Rose Project Documentary wins key Irish Award - Radharc award for Wildfire Films
The 2008 Radharc Awards were presented at a lunchtime ceremony in The Davenport Hotel on Friday September 26th, hosted by Mary Kennedy.
The Overall Award was presented to Adrian McCarthy of Wildfire Films for AIDS in Africa – A missing generation. This documentary tracks the work of The Rose Project and its founder Mary Donohoe in East Africa, and in Malawi in particular.
The Radharc Awards are presented to the producers of documentaries of outstanding quality which address national or international topics of social justice, morality or faith. They honour the memory of the late Fr Joe Dunn, co-founder of Radharc Films.
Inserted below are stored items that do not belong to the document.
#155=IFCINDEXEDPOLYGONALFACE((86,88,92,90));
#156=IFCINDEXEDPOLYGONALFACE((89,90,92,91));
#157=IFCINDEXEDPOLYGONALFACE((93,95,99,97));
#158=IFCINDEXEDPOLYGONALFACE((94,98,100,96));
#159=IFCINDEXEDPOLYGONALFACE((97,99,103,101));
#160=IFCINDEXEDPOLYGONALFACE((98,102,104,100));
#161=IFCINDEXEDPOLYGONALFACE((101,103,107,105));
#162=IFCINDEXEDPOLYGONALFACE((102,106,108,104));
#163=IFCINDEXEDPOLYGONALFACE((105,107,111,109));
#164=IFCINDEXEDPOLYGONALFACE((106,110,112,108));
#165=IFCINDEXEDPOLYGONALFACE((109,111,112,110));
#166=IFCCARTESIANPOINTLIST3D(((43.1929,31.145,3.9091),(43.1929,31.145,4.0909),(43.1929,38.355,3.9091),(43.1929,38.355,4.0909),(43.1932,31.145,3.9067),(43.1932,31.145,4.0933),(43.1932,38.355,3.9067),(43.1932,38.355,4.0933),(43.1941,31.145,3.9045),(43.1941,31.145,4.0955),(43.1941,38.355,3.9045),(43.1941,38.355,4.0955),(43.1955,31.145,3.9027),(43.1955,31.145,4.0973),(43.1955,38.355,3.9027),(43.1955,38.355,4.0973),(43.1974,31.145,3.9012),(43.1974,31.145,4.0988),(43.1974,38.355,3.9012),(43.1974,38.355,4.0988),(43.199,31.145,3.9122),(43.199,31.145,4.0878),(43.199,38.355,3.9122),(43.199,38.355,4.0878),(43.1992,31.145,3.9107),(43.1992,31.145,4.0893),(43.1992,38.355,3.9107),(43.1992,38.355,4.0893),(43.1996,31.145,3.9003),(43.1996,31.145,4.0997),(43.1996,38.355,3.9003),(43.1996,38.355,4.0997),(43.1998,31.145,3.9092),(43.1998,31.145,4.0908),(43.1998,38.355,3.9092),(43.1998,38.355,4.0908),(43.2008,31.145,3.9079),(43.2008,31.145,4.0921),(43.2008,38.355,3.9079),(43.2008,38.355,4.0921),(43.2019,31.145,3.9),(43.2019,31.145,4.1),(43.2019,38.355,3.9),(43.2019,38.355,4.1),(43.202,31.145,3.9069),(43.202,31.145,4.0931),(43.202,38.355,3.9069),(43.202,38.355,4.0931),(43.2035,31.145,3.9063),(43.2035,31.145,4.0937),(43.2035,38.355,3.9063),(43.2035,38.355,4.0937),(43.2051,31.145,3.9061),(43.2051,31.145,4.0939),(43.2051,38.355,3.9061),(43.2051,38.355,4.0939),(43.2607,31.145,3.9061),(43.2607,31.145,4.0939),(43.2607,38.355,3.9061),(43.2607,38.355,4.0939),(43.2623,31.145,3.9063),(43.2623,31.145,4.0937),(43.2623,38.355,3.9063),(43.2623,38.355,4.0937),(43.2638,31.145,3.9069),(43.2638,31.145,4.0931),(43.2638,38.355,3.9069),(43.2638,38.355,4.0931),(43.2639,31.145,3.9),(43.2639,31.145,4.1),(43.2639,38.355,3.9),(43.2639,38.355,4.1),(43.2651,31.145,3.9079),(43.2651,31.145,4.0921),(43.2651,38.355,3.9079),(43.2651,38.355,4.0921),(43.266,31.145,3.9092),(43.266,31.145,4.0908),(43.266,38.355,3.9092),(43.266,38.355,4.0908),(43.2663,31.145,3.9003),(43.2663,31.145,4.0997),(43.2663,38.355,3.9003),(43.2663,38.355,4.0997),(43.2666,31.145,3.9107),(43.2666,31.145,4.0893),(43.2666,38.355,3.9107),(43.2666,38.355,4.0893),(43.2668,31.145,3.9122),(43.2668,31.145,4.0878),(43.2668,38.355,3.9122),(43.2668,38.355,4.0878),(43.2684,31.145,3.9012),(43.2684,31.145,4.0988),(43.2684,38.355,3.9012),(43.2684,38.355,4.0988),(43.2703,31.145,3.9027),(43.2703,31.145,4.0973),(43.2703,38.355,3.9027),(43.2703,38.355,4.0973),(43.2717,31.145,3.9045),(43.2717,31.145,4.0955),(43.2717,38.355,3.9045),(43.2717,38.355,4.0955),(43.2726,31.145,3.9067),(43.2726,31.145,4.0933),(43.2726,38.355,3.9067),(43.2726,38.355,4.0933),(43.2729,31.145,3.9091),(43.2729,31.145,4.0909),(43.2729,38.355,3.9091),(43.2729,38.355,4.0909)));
There is no requirement that the documentary be of any specific religious adherence, but it should portray positive human values and should imply a challenge to the moral conscience of the kind that distinguished many of the Radharc films.
Background to the Radharc Films
The Radharc team was the first independent production unit making television programmes for broadcast on RTE, and made over 400 documentaries in 75 different countries on social and religious issues between 1961 and 1996. Radharc films won numerous national and international awards.
They became ‘part of the fabric of Irish television broadcasting’ and were popular with audiences and critics alike. Production ceased in 1996 following the death of founder-director Fr Joe Dunn. Today the films are stored in the Archives of the Irish Film Institute and RTE.